We train a Random Forest Classifier and evaluate its performance using accuracy, confusion matrix, classification report, and ROC-AUC curve.

from sklearn.ensemble import RandomForestClassifier
from sklearn.metrics import classification_report, confusion_matrix, roc_curve, auc

model = RandomForestClassifier(n_estimators=50, max_depth=5)
model.fit(x_train, y_train)

y_pred = model.predict(x_test)
y_pred_proba = model.predict_proba(x_test)[:, 1]

print("Training Accuracy:", model.score(x_train, y_train))
print("Testing Accuracy:", model.score(x_test, y_test))
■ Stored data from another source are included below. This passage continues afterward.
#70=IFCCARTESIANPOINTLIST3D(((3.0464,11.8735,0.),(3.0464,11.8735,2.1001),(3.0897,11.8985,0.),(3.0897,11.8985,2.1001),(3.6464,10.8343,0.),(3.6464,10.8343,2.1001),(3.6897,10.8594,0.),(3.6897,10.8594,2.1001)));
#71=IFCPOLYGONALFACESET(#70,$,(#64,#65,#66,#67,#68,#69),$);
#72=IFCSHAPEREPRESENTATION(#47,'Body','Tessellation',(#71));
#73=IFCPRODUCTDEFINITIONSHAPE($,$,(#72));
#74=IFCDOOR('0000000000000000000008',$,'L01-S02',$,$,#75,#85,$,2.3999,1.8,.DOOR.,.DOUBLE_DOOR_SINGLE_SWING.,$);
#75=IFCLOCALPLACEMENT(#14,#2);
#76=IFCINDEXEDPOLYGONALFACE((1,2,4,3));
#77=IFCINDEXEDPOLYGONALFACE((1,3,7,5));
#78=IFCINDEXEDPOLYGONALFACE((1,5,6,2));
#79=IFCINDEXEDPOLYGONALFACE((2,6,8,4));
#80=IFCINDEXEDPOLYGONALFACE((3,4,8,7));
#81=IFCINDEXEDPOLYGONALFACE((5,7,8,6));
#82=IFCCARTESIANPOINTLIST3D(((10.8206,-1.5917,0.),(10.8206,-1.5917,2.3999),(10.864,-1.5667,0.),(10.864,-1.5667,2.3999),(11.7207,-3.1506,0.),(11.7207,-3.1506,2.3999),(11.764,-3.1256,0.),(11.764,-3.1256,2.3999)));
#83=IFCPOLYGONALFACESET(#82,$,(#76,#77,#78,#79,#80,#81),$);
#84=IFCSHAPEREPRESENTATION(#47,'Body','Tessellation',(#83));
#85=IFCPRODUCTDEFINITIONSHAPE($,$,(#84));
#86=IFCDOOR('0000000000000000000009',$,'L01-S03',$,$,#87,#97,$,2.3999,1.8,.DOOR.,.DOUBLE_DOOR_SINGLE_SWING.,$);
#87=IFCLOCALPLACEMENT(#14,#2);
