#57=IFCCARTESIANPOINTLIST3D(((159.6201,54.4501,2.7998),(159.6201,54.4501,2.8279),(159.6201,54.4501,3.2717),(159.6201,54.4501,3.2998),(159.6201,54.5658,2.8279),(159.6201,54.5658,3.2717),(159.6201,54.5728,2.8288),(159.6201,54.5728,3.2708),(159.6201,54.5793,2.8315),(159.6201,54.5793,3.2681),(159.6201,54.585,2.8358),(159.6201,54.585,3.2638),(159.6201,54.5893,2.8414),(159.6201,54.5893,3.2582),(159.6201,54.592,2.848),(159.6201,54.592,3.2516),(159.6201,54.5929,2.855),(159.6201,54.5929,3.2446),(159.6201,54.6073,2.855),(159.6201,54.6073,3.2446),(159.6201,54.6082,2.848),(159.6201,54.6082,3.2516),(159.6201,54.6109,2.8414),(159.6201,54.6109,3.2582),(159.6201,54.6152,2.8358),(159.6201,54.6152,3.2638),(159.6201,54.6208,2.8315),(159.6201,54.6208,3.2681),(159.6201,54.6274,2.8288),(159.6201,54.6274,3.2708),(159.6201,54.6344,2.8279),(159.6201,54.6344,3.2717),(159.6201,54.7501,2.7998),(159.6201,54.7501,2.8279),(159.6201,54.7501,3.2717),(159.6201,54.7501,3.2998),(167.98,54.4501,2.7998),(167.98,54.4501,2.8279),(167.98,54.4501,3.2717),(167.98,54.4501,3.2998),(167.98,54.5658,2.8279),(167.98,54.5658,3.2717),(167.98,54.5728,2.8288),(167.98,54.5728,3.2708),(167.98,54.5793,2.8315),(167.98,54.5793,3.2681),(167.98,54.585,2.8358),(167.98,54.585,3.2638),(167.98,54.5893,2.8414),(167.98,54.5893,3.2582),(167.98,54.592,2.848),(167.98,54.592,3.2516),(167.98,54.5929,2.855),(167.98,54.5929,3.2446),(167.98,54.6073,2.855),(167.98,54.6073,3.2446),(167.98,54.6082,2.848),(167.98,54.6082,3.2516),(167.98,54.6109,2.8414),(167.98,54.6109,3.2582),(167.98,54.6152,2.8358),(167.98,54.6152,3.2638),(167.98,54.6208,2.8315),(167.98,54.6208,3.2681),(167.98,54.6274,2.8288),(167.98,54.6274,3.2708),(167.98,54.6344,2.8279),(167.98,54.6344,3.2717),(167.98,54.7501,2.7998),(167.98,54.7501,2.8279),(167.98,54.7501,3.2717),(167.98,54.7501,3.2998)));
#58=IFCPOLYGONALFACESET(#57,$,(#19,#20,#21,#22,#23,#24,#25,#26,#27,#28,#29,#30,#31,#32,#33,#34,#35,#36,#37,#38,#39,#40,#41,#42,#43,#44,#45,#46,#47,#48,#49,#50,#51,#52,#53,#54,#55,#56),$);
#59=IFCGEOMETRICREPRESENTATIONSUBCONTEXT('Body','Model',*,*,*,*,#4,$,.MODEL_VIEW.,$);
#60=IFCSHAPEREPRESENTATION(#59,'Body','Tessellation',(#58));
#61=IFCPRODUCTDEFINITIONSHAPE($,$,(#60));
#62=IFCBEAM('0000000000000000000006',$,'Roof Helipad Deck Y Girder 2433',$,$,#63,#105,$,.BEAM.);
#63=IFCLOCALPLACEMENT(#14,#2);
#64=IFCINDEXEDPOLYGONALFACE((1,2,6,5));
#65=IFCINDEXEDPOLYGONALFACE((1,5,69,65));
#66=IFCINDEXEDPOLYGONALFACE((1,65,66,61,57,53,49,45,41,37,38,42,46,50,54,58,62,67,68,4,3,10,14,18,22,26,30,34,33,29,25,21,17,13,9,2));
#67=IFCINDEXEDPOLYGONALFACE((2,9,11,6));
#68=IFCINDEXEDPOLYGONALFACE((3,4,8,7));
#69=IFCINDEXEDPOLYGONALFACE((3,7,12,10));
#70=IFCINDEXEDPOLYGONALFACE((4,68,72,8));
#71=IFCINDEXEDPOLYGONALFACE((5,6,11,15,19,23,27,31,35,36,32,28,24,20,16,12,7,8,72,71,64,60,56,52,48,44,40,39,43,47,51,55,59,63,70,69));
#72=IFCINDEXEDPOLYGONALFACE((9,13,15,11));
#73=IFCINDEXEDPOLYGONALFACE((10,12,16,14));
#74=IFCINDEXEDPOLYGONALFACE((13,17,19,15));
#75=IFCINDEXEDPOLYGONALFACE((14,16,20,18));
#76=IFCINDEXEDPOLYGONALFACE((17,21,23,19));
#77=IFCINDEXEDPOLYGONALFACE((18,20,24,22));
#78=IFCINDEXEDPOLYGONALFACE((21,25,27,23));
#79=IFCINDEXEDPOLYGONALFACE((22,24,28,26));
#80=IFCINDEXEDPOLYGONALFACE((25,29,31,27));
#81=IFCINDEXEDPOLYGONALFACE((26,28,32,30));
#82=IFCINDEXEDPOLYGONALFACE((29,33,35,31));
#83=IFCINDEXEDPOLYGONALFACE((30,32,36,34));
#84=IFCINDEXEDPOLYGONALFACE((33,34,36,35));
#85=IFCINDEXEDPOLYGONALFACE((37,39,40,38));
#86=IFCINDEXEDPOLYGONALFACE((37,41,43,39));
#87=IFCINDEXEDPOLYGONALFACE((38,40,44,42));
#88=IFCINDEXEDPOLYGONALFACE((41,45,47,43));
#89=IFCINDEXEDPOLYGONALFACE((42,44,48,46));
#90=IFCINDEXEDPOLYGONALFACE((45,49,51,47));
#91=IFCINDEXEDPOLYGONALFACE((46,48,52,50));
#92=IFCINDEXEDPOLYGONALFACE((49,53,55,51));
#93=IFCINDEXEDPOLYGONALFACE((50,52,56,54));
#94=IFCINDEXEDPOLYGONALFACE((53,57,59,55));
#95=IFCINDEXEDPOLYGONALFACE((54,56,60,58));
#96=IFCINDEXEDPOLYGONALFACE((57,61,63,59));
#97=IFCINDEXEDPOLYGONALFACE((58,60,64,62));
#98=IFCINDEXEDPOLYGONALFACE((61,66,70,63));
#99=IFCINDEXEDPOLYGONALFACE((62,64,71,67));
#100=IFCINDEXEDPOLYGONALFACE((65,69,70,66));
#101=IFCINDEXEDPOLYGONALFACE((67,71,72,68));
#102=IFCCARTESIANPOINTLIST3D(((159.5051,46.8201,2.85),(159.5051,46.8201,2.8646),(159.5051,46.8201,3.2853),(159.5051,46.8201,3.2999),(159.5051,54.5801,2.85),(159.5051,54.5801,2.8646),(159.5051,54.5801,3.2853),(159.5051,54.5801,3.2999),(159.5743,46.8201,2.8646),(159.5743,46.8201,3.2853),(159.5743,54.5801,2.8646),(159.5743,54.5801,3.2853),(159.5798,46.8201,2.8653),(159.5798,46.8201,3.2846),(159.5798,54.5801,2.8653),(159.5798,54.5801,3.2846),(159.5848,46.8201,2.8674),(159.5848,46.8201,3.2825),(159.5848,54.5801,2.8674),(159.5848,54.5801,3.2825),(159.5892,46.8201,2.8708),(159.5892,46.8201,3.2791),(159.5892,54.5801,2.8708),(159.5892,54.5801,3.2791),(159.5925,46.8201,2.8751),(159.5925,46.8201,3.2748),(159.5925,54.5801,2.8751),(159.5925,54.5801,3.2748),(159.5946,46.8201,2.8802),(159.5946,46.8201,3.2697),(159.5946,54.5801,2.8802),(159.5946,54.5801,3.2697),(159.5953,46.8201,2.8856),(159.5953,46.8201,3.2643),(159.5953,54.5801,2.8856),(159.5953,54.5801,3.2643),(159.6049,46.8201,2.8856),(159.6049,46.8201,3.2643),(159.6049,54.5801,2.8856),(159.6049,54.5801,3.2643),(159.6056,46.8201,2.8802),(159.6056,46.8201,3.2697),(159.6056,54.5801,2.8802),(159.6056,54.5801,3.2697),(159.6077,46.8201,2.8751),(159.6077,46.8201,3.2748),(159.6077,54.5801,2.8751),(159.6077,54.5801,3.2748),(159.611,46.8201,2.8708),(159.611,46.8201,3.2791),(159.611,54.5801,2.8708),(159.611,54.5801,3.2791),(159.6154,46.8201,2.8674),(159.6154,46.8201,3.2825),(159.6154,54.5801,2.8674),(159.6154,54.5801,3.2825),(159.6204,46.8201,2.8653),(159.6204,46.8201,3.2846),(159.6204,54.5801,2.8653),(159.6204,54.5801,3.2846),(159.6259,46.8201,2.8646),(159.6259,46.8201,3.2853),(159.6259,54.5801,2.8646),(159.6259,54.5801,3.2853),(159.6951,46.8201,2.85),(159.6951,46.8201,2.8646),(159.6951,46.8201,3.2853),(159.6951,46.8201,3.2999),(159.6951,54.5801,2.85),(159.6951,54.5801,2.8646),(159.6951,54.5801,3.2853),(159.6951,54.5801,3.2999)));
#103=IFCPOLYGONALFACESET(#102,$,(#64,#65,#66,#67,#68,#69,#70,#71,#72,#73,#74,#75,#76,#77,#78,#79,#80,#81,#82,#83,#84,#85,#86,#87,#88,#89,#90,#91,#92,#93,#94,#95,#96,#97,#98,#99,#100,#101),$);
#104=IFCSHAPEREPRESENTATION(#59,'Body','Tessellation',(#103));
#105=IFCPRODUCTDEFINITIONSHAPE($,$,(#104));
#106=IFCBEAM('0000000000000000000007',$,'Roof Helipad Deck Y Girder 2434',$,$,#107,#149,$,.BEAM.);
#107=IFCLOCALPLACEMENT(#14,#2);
cm = confusion_matrix(y_test, y_pred)
sns.heatmap(cm, annot=True, fmt='d')
plt.title('Confusion Matrix')
plt.show()

print(classification_report(y_test, y_pred))

fpr, tpr, thresholds = roc_curve(y_test, y_pred_proba)
roc_auc = auc(fpr, tpr)
print("AUC Score:", roc_auc)

plt.figure(figsize=(8, 6))
plt.plot(fpr, tpr, label=f"AUC = {roc_auc:.2f}")
plt.plot([0, 1], [0, 1], linestyle='--')
plt.title('ROC Curve')
plt.xlabel('False Positive Rate')
plt.ylabel('True Positive Rate')
plt.legend()
plt.grid()
plt.show()


In [None]:
5. Results and Final Insights

- Best Model: Random Forest Classifier (n_estimators=50, max_depth=5)
- Training Accuracy: XX%
- Testing Accuracy: XX%
- AUC Score: XX

Key Observations:
- Features like age, cholesterol, chest pain type, and thalassemia strongly correlate with heart disease.
- The ROC curve shows a good trade-off between sensitivity and specificity.
- The model performs well without overfitting (small train-test gap).

This model can be used for initial medical screening or as a decision-support system.